Step 3. Add SSH Server Fingerprints

Despite the name, this is a short step. Whenever you log into an SSH server, PuTTY will check that the server’s fingerprint is correct. This is a short cryptographic string identifying that server, such that checking the fingerprint helps against man-in-the-middle attacks. If you haven’t logged into a server with PuTTY before, however, it has no idea how to check the fingerprint, and will fail to login. Since VS Code ignores these errors, Git support will silently fail unless you first attempt to log into the SSH server offered by your Git host. To do so, we’ll use PowerShell one last time. Run one of the following commands below, depending on which hosting provider you use.

PS > & 'C:\Program Files (x86)\PuTTY\plink.exe' git@github.com
PS > & 'C:\Program Files (x86)\PuTTY\plink.exe' git@bitbucket.org

In either case, you’ll be prompted to add the server’s fingerprint to the registry. If you are confident that your traffic is not being intercepted, select y at this prompt. Neither GitHub nor Bitbucket actually allows logins via SSH, so you’ll get an error, but this is OK: you’ve gotten far enough to see the server’s fingerprint, and that’s all we needed. To check, you can run the commands above again, and note that you are no longer prompted to add the fingerprint, but instead fail immediately.

Step 4. Configure Environment Variables

We’re almost done. All that’s left is to point Git for Windows at PuTTY and Pageant, rather than its own built-in SSH client. Since VS Code uses Git for Windows, this will ensure that VS Code does what we want.
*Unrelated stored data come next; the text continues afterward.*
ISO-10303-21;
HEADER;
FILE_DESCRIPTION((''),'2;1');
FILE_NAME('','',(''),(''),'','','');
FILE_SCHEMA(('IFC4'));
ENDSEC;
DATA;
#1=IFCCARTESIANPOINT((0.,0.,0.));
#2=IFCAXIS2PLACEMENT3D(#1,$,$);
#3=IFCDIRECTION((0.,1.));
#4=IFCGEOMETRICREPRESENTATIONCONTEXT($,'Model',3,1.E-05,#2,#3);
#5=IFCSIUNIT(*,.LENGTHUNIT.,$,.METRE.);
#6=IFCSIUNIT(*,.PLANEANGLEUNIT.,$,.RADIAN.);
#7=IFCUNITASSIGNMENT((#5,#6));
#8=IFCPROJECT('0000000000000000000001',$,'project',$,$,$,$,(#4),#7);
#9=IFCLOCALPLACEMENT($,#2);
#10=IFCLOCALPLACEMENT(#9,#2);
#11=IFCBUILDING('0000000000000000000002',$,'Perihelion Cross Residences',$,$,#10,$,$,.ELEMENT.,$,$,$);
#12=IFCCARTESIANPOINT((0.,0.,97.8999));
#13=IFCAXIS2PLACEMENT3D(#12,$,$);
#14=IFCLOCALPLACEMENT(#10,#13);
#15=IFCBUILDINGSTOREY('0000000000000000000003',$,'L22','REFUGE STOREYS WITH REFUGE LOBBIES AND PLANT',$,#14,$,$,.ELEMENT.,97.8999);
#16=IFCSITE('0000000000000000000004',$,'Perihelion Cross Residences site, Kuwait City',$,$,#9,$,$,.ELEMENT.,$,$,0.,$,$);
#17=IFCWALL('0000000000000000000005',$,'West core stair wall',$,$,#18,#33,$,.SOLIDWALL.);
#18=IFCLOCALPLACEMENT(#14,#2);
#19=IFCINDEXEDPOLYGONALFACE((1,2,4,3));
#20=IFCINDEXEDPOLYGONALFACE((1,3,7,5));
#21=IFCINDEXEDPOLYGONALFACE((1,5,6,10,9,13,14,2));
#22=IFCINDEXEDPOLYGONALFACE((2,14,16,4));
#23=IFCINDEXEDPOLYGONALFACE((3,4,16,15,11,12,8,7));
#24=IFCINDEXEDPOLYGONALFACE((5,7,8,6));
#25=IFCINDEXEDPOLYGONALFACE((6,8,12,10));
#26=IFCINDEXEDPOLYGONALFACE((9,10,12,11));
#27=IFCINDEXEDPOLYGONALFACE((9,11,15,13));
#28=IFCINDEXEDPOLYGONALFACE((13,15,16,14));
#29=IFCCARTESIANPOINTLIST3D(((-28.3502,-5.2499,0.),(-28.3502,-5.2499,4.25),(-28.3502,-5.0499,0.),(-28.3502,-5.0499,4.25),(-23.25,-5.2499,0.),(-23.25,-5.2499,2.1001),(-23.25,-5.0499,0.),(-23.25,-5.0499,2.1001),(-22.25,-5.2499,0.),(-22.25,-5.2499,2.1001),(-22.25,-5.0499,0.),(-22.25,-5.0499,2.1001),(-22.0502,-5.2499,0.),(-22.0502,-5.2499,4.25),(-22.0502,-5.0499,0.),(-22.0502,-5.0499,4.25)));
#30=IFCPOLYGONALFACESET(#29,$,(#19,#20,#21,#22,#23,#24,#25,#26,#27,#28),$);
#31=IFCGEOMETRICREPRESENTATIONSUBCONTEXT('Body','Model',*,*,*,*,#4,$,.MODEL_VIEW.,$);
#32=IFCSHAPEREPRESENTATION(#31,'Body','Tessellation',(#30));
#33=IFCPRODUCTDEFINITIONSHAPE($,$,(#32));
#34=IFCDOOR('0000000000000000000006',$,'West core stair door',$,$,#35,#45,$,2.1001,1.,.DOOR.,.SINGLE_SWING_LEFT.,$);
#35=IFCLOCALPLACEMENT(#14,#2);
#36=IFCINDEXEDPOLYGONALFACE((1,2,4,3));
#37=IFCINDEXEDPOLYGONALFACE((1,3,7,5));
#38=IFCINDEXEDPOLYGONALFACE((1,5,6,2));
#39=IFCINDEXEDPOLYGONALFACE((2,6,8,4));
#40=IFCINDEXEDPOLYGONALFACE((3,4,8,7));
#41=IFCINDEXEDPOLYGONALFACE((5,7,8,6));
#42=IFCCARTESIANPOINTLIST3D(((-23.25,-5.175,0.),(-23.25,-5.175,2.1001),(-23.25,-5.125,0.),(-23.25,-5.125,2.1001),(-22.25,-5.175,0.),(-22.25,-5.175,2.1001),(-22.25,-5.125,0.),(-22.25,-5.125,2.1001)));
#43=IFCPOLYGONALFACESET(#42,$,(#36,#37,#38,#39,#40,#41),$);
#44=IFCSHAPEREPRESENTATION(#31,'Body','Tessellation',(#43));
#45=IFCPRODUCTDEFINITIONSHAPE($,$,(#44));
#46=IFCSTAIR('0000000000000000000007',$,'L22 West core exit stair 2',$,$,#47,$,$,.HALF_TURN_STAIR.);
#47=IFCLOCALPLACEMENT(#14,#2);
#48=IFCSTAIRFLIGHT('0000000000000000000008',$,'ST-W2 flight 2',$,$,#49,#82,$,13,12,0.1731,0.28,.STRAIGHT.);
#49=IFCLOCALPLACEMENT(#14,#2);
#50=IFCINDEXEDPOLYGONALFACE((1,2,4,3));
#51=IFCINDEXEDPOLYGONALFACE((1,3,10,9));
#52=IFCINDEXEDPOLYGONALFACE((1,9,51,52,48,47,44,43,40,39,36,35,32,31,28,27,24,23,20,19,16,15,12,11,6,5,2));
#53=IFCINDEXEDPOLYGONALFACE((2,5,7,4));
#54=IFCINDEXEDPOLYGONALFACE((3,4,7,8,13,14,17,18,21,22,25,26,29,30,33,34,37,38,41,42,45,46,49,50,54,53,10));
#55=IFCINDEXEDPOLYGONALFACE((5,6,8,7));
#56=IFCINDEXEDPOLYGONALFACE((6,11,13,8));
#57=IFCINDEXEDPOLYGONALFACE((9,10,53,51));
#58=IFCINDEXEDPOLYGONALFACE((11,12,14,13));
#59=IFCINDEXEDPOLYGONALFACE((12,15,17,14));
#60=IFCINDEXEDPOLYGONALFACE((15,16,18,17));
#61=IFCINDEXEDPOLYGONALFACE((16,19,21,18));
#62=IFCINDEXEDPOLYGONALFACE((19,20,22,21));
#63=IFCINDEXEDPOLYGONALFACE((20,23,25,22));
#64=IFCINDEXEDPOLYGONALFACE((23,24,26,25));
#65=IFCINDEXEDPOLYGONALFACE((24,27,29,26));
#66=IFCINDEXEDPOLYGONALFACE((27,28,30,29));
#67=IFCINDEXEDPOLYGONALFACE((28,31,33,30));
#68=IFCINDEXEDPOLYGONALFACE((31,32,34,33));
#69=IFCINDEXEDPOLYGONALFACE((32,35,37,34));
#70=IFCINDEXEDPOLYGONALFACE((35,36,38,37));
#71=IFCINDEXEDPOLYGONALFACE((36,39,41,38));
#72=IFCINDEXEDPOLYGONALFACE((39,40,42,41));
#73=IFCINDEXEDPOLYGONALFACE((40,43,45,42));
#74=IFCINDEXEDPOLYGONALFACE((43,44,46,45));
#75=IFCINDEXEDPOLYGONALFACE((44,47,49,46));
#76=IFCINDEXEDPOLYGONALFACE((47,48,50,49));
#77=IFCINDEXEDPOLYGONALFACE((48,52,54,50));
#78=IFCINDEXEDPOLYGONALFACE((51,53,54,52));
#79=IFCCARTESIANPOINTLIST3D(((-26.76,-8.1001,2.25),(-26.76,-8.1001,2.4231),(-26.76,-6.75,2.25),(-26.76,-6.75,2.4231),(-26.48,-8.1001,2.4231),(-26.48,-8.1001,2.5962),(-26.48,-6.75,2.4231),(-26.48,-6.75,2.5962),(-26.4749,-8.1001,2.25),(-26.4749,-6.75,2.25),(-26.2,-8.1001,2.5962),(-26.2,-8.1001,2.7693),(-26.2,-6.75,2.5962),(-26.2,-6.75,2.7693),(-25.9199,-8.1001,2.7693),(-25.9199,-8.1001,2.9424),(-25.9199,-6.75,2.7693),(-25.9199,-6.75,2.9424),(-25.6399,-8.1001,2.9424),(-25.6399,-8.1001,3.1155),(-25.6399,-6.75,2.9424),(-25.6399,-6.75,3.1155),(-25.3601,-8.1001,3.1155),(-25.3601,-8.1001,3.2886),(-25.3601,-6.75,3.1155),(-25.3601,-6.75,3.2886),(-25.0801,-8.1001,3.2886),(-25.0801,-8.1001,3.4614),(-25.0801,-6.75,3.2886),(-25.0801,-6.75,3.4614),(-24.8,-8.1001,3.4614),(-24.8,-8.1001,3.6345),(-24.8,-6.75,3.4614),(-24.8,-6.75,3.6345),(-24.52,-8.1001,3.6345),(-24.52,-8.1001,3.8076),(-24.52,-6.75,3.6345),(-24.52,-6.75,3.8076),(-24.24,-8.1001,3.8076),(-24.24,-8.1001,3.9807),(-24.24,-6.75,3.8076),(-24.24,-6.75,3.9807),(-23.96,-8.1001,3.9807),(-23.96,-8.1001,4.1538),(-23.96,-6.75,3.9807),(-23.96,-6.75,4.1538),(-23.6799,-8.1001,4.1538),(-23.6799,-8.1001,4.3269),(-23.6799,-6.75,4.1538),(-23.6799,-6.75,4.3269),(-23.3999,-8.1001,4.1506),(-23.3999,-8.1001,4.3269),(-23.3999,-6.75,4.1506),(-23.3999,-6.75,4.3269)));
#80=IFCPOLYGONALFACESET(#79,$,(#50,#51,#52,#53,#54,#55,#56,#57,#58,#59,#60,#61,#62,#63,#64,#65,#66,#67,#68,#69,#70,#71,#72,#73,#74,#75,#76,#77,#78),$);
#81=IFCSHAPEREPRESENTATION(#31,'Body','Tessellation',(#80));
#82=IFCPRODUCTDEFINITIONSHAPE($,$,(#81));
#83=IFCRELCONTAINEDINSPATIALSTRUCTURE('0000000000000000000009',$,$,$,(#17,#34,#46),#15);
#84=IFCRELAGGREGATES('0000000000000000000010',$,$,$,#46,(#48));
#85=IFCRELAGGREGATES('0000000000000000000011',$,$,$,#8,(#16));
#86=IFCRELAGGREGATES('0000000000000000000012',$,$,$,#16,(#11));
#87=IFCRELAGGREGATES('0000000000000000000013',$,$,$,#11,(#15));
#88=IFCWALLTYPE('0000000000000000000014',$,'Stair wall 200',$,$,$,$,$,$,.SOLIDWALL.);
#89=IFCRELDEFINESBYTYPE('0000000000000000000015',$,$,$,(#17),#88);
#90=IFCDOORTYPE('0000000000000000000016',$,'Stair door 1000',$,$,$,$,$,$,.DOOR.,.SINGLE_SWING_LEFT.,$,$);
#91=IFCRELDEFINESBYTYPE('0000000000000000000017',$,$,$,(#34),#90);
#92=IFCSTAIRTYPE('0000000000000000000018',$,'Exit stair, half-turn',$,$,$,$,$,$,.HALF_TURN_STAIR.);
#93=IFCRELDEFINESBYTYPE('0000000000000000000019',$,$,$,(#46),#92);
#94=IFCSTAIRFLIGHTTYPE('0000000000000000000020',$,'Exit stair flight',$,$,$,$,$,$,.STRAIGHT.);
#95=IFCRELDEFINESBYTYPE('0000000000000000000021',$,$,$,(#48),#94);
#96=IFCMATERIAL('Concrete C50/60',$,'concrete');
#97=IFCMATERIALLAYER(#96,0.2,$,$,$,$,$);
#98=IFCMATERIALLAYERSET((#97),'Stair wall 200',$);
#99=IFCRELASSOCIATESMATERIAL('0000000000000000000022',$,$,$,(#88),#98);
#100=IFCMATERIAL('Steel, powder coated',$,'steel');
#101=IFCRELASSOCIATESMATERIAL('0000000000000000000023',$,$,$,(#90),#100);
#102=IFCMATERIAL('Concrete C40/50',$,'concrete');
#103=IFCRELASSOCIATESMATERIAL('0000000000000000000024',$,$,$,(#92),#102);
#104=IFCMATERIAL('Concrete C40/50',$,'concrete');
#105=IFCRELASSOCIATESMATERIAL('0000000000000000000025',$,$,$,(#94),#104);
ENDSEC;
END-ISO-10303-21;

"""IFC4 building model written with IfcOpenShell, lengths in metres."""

from ifc_helpers import new_model, si_unit, direction, frame, frame_2d, origin, place, context, subcontext, project, spatial, polyline, rectangle, outline, extrude, material, layer, layer_set, type_object, element, fill, aggregate, save


model = new_model("IFC4")

# Units and contexts
model_context = context("Model", 3, precision=1e-05, world=origin(), true_north=direction((0.0, 1.0)))
body_context = subcontext(model_context, "Body", "Model", "MODEL_VIEW")
ifc_project = project(units=[si_unit("LENGTHUNIT", "METRE"), si_unit("PLANEANGLEUNIT", "RADIAN")], contexts=[model_context])

# Site, building, storey
site_placement = place(None, origin())
site = spatial("IfcSite", under=ifc_project, at=site_placement, Name="Perihelion Cross Residences site, Kuwait City", CompositionType="ELEMENT", RefElevation=0.0)
building_placement = place(site_placement, origin())
building = spatial("IfcBuilding", under=site, at=building_placement, Name="Perihelion Cross Residences", CompositionType="ELEMENT")
storey_placement = place(building_placement, frame((0.0, 0.0, 97.8999)))
storey = spatial("IfcBuildingStorey", under=building, at=storey_placement, Name="L22", Description="REFUGE STOREYS WITH REFUGE LOBBIES AND PLANT", CompositionType="ELEMENT", Elevation=97.8999)

# Wall, opening, door
ifc_material_1 = material(Name="Concrete C50/60", Category="concrete")
ifc_layer_1 = layer(ifc_material_1, 0.2)
ifc_layer_set_1 = layer_set([ifc_layer_1], Name="Stair wall 200")
wall_type_1 = type_object("IfcWallType", Name="Stair wall 200", PredefinedType="SOLIDWALL", material=ifc_layer_set_1)
wall_1_placement = place(storey_placement, frame((-28.3501, -5.1499, 0.0), z_axis=(0.0, 0.0, 1.0), x_axis=(1.0, 0.0, 0.0)))
wall_1 = element("IfcWall", 1, at=wall_1_placement, inside=storey, type_object=wall_type_1, Name="West core stair wall", PredefinedType="SOLIDWALL", context=body_context, shape_type="SweptSolid", body=[
    extrude(rectangle(XDim=6.3, YDim=0.2, at=frame_2d((3.1499, 0.0))), origin(), (0.0, 0.0, 1.0), 4.25),
])
opening_1_placement = place(wall_1_placement, frame((5.1001, 0.0, 0.0)))
opening_1 = element("IfcOpeningElement", 2, at=opening_1_placement, cuts=wall_1, PredefinedType="OPENING", context=body_context, shape_type="SweptSolid", body=[
    extrude(rectangle(XDim=1.0, YDim=2.1001, at=frame_2d((0.5, 1.05))), frame((0.0, 0.1099, 0.0), z_axis=(0.0, -1.0, 0.0), x_axis=(1.0, 0.0, 0.0)), (0.0, 0.0, 1.0), 0.22),
])
ifc_material_2 = material(Name="Steel, powder coated", Category="steel")
door_type_1 = type_object("IfcDoorType", Name="Stair door 1000", OperationType="SINGLE_SWING_LEFT", PredefinedType="DOOR", material=ifc_material_2)
door_1_placement = place(opening_1_placement, origin())
door_1 = element("IfcDoor", 3, at=door_1_placement, inside=storey, type_object=door_type_1, Name="West core stair door", OperationType="SINGLE_SWING_LEFT", OverallHeight=2.1001, OverallWidth=1.0, PredefinedType="DOOR", context=body_context, shape_type="SweptSolid", body=[
    extrude(rectangle(XDim=1.0, YDim=2.1001, at=frame_2d((0.5, 1.05))), frame((0.0, 0.0249, 0.0), z_axis=(0.0, -1.0, 0.0), x_axis=(1.0, 0.0, 0.0)), (0.0, 0.0, 1.0), 0.05),
])
fill(opening_1, door_1)

# Stair, stair flight
ifc_material_3 = material(Name="Concrete C40/50", Category="concrete")
stair_type = type_object("IfcStairType", Name="Exit stair, half-turn", PredefinedType="HALF_TURN_STAIR", material=ifc_material_3)
stair_placement = place(storey_placement, origin())
stair = element("IfcStair", 4, at=stair_placement, inside=storey, type_object=stair_type, Name="L22 West core exit stair 2", PredefinedType="HALF_TURN_STAIR")
ifc_material_4 = material(Name="Concrete C40/50", Category="concrete")
stair_flight_type = type_object("IfcStairFlightType", Name="Exit stair flight", PredefinedType="STRAIGHT", material=ifc_material_4)
stair_flight_placement = place(storey_placement, frame((-26.76, -7.425, 2.25), z_axis=(0.0, 0.0, 1.0), x_axis=(1.0, 0.0, 0.0)))
stair_flight = element("IfcStairFlight", 5, at=stair_flight_placement, type_object=stair_flight_type, Name="ST-W2 flight 2", NumberOfRisers=13, NumberOfTreads=12, PredefinedType="STRAIGHT", RiserHeight=0.1731, TreadLength=0.28, context=body_context, shape_type="SweptSolid", body=[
Right-click on My Computer or This PC in Windows/File Explorer, and select Properties. From there, click Advanced system settings in the sidebar to the left. On the Advanced tab, press the Environment Variables... button at the bottom. Finally, click New... on the user variables pane (top), and add a new variable named GIT_SSH with value C:\Program Files (x86)\PuTTY\plink.exe. You may want to use Browse File... in this dialog box to make sure you get the path correct. Once done, press OK to add the variable, OK again to close the Environment Variables dialog, then OK a third time to close System Properties. Finally, close the System window.

If you have VS Code open already, close it and reopen VS Code to make sure it sees the new environment variable.

Conclusions

Congratulations, you should now have a full Git + SSH client toolchain working on Windows, and made visible to VS Code. Have fun!